Frequently asked questions
- What is a long put on LAMR?
- A long put on LAMR is the long put strategy applied to LAMR (stock). The strategy is structurally bearish: A long put buys downside exposure with a fixed maximum loss equal to the premium paid; profit accrues if the underlying closes below the strike minus premium at expiration. With LAMR stock trading near $145.58, the strikes shown on this page are snapped to the nearest listed LAMR chain strike and the premiums come straight from the end-of-day bid/ask midpoint.
- How are LAMR long put max profit and max loss calculated?
- Max profit equals the strike minus premium times 100 (reached at zero); max loss equals the premium times 100. Breakeven is strike minus premium. For the LAMR long put priced from the end-of-day chain at a 30-day expiry (ATM IV 25.10%), the computed maximum profit is $14,024.00 per contract and the computed maximum loss is -$475.00 per contract. Live intraday quotes will differ as the chain moves through the trading session.
- What is the breakeven for a LAMR long put?
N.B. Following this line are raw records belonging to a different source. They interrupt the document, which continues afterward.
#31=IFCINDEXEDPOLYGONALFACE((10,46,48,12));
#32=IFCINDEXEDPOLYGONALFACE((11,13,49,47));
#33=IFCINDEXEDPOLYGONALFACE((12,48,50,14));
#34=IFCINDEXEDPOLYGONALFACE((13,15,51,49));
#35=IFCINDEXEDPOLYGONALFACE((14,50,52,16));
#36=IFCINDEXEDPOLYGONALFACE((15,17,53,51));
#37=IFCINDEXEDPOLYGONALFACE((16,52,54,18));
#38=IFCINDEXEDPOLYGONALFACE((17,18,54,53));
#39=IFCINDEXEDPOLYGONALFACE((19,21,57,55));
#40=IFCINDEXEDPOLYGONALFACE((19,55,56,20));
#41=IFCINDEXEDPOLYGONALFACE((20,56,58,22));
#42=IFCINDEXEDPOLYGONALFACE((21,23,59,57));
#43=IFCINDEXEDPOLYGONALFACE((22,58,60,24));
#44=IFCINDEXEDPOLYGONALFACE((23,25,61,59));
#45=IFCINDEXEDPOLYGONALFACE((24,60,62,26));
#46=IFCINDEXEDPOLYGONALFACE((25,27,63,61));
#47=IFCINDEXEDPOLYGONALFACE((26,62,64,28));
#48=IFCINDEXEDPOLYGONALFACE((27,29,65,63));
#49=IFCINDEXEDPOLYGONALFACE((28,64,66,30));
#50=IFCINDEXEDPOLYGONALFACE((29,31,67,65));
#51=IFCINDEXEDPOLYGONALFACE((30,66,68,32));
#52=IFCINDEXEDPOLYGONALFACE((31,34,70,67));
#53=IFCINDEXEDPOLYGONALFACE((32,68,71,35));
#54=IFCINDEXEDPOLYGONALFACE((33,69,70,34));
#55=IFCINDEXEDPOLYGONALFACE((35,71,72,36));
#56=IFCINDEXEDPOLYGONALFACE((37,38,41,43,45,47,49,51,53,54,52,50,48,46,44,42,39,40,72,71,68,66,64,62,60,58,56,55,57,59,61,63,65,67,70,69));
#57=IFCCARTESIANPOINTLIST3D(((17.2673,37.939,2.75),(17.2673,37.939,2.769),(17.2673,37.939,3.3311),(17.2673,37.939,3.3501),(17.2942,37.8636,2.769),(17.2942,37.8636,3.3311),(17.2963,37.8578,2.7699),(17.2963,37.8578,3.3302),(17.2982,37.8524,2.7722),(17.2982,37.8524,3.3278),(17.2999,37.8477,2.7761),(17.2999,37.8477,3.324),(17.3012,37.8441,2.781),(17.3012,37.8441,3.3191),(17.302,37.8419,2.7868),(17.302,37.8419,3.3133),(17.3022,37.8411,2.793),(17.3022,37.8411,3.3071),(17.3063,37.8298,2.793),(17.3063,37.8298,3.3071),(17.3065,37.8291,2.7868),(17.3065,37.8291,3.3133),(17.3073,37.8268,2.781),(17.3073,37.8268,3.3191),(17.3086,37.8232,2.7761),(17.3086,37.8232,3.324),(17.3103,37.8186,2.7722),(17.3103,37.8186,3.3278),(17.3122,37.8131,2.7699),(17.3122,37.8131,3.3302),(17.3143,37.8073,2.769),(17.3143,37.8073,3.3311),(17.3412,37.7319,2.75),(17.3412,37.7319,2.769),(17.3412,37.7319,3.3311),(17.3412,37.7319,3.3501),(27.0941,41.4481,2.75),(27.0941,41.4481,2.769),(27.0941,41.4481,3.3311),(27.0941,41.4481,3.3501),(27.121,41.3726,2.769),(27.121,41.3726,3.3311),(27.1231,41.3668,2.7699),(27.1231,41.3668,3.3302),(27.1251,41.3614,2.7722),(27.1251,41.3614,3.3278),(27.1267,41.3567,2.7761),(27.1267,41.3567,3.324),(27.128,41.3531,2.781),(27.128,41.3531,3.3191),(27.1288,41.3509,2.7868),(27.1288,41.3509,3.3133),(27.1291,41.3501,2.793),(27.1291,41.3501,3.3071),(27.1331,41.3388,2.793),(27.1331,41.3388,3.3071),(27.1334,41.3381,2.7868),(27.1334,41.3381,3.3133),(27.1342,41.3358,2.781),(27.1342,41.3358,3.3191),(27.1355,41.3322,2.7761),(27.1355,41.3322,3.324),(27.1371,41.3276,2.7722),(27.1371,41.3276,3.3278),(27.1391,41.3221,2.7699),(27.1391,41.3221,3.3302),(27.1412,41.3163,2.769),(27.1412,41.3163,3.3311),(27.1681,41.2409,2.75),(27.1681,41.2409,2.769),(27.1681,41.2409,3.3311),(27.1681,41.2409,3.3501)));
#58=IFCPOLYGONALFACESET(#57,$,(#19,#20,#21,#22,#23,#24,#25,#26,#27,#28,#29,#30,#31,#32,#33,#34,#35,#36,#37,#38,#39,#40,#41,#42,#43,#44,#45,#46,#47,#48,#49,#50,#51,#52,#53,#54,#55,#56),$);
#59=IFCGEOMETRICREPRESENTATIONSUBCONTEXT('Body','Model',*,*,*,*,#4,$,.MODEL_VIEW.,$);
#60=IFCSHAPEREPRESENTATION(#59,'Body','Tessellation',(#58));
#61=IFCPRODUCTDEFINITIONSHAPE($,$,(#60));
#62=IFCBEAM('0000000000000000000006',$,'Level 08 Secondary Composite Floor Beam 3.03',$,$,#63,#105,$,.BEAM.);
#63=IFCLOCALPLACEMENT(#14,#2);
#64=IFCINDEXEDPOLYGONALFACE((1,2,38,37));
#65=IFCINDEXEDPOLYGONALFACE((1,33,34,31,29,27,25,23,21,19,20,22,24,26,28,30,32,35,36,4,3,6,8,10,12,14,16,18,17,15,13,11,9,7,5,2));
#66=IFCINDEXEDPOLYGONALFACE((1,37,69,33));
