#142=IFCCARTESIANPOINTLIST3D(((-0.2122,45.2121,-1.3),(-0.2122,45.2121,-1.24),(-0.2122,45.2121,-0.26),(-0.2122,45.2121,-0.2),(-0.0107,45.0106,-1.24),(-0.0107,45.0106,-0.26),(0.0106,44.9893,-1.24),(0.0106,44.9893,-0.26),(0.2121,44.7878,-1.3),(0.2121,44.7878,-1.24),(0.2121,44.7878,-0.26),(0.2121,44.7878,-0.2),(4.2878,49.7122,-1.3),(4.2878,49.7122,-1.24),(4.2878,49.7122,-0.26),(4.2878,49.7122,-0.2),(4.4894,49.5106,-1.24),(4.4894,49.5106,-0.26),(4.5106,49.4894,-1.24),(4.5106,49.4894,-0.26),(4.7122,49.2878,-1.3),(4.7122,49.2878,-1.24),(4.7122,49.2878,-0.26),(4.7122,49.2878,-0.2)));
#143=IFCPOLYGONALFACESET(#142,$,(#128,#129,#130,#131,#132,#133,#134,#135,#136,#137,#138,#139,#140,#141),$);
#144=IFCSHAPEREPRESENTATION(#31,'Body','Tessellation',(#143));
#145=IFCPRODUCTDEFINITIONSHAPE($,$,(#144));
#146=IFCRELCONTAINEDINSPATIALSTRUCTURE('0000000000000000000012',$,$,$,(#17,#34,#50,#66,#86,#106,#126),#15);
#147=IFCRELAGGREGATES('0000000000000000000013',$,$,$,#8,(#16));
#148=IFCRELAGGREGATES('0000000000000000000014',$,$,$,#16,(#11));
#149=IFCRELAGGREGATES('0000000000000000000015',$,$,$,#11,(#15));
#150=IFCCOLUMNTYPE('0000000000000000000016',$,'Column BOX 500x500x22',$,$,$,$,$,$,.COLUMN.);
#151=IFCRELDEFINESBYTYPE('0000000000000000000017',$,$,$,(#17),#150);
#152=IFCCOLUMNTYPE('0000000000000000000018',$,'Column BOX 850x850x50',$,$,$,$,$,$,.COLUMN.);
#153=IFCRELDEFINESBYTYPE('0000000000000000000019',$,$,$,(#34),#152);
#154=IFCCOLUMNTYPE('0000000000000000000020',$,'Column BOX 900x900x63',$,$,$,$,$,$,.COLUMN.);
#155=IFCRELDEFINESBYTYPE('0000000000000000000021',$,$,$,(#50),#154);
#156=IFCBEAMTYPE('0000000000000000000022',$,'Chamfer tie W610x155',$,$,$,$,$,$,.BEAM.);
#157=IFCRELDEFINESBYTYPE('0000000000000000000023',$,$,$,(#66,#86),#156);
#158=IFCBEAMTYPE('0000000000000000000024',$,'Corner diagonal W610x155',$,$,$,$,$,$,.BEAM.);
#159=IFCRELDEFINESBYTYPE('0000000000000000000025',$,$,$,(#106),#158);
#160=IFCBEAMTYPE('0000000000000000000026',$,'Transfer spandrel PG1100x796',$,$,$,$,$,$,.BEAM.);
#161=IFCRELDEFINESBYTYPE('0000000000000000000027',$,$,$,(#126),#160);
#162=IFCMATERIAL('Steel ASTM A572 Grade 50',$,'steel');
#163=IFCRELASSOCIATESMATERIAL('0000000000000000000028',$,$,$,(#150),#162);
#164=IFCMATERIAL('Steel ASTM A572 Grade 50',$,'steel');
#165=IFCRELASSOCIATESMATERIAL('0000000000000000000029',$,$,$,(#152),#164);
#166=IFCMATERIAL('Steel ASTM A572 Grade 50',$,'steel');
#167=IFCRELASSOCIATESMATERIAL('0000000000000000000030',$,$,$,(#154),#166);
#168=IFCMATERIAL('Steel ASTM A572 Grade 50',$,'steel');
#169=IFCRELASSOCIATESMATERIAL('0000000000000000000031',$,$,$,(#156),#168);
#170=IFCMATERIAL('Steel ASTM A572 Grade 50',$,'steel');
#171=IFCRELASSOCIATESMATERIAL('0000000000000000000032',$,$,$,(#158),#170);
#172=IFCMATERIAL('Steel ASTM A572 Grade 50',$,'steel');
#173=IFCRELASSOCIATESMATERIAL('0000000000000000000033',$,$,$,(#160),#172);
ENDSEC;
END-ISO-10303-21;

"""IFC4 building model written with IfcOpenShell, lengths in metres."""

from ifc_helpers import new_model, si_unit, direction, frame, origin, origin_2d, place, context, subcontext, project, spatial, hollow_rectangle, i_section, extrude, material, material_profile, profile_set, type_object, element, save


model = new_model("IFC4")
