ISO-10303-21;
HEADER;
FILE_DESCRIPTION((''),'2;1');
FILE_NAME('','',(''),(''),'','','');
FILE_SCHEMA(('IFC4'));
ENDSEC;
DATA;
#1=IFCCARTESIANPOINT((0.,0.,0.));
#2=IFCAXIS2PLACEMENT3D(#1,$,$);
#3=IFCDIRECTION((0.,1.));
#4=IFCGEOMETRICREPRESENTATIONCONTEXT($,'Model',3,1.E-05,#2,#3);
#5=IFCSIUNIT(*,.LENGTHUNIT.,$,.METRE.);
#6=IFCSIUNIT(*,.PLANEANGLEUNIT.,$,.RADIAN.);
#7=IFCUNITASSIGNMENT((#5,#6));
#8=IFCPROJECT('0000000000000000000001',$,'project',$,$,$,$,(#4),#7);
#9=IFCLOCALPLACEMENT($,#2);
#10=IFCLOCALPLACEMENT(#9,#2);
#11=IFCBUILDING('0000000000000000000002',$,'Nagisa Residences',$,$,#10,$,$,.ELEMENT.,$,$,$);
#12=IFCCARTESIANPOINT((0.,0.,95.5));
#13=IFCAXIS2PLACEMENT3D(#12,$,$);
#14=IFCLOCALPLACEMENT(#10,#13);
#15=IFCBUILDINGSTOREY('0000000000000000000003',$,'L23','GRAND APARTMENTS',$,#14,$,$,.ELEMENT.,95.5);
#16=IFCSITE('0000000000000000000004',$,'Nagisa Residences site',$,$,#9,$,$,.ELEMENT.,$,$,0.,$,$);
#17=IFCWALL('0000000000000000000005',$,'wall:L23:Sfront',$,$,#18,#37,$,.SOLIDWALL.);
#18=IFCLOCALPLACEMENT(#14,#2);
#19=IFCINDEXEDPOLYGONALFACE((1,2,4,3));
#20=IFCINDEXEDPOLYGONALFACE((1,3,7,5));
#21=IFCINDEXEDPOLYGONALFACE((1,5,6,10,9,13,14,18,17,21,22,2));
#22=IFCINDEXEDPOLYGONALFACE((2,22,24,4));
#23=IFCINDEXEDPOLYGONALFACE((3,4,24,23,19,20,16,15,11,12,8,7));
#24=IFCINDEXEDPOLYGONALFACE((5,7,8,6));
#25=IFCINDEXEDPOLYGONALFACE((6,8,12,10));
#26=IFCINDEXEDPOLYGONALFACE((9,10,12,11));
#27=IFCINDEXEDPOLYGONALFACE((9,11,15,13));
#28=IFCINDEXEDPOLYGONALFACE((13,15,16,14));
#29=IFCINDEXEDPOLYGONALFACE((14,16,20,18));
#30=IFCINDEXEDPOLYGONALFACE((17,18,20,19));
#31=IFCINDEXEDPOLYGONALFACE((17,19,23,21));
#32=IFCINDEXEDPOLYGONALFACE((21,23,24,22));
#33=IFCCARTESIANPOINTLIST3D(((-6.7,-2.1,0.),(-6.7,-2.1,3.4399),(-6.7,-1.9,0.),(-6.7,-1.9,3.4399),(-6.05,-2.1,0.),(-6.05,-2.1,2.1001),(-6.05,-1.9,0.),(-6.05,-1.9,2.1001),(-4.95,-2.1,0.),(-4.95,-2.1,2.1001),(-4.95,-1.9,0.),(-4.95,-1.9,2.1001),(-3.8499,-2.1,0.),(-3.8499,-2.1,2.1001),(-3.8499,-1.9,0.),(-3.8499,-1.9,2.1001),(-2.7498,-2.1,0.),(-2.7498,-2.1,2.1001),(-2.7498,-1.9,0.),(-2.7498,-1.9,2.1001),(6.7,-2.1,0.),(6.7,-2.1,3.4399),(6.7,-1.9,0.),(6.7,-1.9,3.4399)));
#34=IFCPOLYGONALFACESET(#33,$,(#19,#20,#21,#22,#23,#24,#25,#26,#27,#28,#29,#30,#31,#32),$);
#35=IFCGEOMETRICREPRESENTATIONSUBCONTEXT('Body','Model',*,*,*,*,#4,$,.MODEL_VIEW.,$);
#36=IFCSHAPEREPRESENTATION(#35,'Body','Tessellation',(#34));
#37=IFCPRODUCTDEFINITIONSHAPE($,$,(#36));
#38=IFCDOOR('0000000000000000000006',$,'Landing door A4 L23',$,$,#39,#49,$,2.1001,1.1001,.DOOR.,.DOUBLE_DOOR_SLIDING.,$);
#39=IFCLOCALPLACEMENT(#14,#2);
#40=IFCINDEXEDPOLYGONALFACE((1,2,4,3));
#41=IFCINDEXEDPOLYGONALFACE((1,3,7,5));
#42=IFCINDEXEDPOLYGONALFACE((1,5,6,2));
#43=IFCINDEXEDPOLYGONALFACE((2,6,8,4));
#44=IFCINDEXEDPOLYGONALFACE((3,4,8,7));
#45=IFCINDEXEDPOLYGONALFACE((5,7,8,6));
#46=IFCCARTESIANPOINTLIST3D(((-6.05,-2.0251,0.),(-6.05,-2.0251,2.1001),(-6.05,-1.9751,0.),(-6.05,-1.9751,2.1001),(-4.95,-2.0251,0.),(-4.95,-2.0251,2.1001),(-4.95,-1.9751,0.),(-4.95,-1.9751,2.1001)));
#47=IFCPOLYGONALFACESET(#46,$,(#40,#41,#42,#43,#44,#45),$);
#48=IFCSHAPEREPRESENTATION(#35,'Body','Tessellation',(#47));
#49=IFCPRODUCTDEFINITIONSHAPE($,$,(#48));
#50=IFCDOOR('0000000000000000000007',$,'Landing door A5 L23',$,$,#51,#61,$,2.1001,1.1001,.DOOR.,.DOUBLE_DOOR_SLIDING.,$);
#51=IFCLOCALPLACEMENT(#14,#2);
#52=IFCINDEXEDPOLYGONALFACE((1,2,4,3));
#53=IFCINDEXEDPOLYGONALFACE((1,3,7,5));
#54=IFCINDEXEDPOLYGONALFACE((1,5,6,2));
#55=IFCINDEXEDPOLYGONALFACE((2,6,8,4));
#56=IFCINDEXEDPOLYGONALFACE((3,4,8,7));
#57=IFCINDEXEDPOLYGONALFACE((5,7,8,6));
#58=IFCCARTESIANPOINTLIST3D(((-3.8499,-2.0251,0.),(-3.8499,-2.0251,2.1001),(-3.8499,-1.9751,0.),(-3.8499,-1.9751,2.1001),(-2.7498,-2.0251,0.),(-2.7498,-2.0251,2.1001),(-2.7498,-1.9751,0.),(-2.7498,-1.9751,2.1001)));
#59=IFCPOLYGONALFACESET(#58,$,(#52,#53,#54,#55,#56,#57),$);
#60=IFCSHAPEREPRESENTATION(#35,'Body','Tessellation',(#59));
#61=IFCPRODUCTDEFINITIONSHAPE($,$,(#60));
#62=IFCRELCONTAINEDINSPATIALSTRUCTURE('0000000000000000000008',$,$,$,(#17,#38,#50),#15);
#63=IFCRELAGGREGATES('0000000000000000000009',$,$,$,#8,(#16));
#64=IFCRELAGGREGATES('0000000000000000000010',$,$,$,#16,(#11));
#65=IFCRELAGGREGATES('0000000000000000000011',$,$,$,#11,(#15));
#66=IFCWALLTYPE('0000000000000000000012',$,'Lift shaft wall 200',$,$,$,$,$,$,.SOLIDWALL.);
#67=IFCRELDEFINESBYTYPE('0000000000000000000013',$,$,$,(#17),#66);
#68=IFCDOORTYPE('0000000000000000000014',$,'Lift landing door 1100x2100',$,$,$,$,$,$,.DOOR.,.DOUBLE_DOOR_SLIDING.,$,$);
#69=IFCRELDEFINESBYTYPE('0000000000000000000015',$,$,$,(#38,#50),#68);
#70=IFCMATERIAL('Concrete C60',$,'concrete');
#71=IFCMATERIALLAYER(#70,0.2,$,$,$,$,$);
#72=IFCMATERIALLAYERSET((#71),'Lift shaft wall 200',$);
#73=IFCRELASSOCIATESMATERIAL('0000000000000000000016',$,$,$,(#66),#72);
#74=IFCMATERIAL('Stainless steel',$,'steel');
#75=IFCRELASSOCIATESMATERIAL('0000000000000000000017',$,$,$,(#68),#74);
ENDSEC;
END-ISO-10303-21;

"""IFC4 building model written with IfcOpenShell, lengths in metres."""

from ifc_helpers import new_model, si_unit, direction, frame, frame_2d, origin, place, context, subcontext, project, spatial, rectangle, extrude, material, layer, layer_set, type_object, element, fill, save


model = new_model("IFC4")

# Units and contexts
model_context = context("Model", 3, precision=1e-05, world=origin(), true_north=direction((0.0, 1.0)))
body_context = subcontext(model_context, "Body", "Model", "MODEL_VIEW")
ifc_project = project(units=[si_unit("LENGTHUNIT", "METRE"), si_unit("PLANEANGLEUNIT", "RADIAN")], contexts=[model_context])

# Site, building, storey
site_placement = place(None, origin())
site = spatial("IfcSite", under=ifc_project, at=site_placement, Name="Nagisa Residences site", CompositionType="ELEMENT", RefElevation=0.0)
building_placement = place(site_placement, origin())
building = spatial("IfcBuilding", under=site, at=building_placement, Name="Nagisa Residences", CompositionType="ELEMENT")
storey_placement = place(building_placement, frame((0.0, 0.0, 95.5)))
storey = spatial("IfcBuildingStorey", under=building, at=storey_placement, Name="L23", Description="GRAND APARTMENTS", CompositionType="ELEMENT", Elevation=95.5)

# Wall, openings, doors
ifc_material_1 = material(Name="Concrete C60", Category="concrete")
ifc_layer_1 = layer(ifc_material_1, 0.2)
ifc_layer_set_1 = layer_set([ifc_layer_1], Name="Lift shaft wall 200")
wall_type = type_object("IfcWallType", Name="Lift shaft wall 200", PredefinedType="SOLIDWALL", material=ifc_layer_set_1)
wall_placement = place(storey_placement, frame((-6.7, -2.0, 0.0), z_axis=(0.0, 0.0, 1.0), x_axis=(1.0, 0.0, 0.0)))
wall = element("IfcWall", 1, at=wall_placement, inside=storey, type_object=wall_type, Name="wall:L23:Sfront", PredefinedType="SOLIDWALL", context=body_context, shape_type="SweptSolid", body=[
    extrude(rectangle(XDim=13.3999, YDim=0.2, at=frame_2d((6.7, 0.0))), origin(), (0.0, 0.0, 1.0), 3.4399),
])
opening_1_placement = place(wall_placement, frame((0.6499, 0.0, 0.0)))
opening_1 = element("IfcOpeningElement", 2, at=opening_1_placement, cuts=wall, PredefinedType="OPENING", context=body_context, shape_type="SweptSolid", body=[
    extrude(rectangle(XDim=1.1001, YDim=2.1001, at=frame_2d((0.55, 1.05))), frame((0.0, 0.1099, 0.0), z_axis=(0.0, -1.0, 0.0), x_axis=(1.0, 0.0, 0.0)), (0.0, 0.0, 1.0), 0.22),
])
opening_2_placement = place(wall_placement, frame((2.8501, 0.0, 0.0)))
opening_2 = element("IfcOpeningElement", 3, at=opening_2_placement, cuts=wall, PredefinedType="OPENING", context=body_context, shape_type="SweptSolid", body=[
    extrude(rectangle(XDim=1.1001, YDim=2.1001, at=frame_2d((0.55, 1.05))), frame((0.0, 0.1099, 0.0), z_axis=(0.0, -1.0, 0.0), x_axis=(1.0, 0.0, 0.0)), (0.0, 0.0, 1.0), 0.22),
])
ifc_material_2 = material(Name="Stainless steel", Category="steel")
door_type = type_object("IfcDoorType", Name="Lift landing door 1100x2100", OperationType="DOUBLE_DOOR_SLIDING", PredefinedType="DOOR", material=ifc_material_2)
door_1_placement = place(opening_1_placement, origin())
door_1 = element("IfcDoor", 4, at=door_1_placement, inside=storey, type_object=door_type, Name="Landing door A4 L23", OperationType="DOUBLE_DOOR_SLIDING", OverallHeight=2.1001, OverallWidth=1.1001, PredefinedType="DOOR", context=body_context, shape_type="SweptSolid", body=[
    extrude(rectangle(XDim=1.1001, YDim=2.1001, at=frame_2d((0.55, 1.05))), frame((0.0, 0.0249, 0.0), z_axis=(0.0, -1.0, 0.0), x_axis=(1.0, 0.0, 0.0)), (0.0, 0.0, 1.0), 0.05),
])
fill(opening_1, door_1)
door_2_placement = place(opening_2_placement, origin())
door_2 = element("IfcDoor", 5, at=door_2_placement, inside=storey, type_object=door_type, Name="Landing door A5 L23", OperationType="DOUBLE_DOOR_SLIDING", OverallHeight=2.1001, OverallWidth=1.1001, PredefinedType="DOOR", context=body_context, shape_type="SweptSolid", body=[
    extrude(rectangle(XDim=1.1001, YDim=2.1001, at=frame_2d((0.55, 1.05))), frame((0.0, 0.0249, 0.0), z_axis=(0.0, -1.0, 0.0), x_axis=(1.0, 0.0, 0.0)), (0.0, 0.0, 1.0), 0.05),
])
fill(opening_2, door_2)

save(model, "model.ifc")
- The breakeven for the LAMR long put priced on this page is roughly $140.25 at expiration, derived from end-of-day chain premiums. Breakeven is the underlying price at which the strategy's P&L crosses zero ignoring transaction costs and assignment risk. The current LAMR market-implied 1-standard-deviation expected move is approximately 7.20%; if the move sits well outside the breakeven distance, the structure's risk-reward becomes correspondingly tighter.
- When should you consider a long put on LAMR?
- Long puts on LAMR hedge an existing long LAMR stock position or express a bearish view with defined risk; position sizing typically scales the put notional to the underlying LAMR exposure being hedged.
- How does current LAMR implied volatility affect this long put?
- LAMR ATM IV is at 25.10% with IV rank near 36.47%, which is mid-range against its 1-year history. Strategy selection depends more on directional thesis and expected move than on a strong IV signal.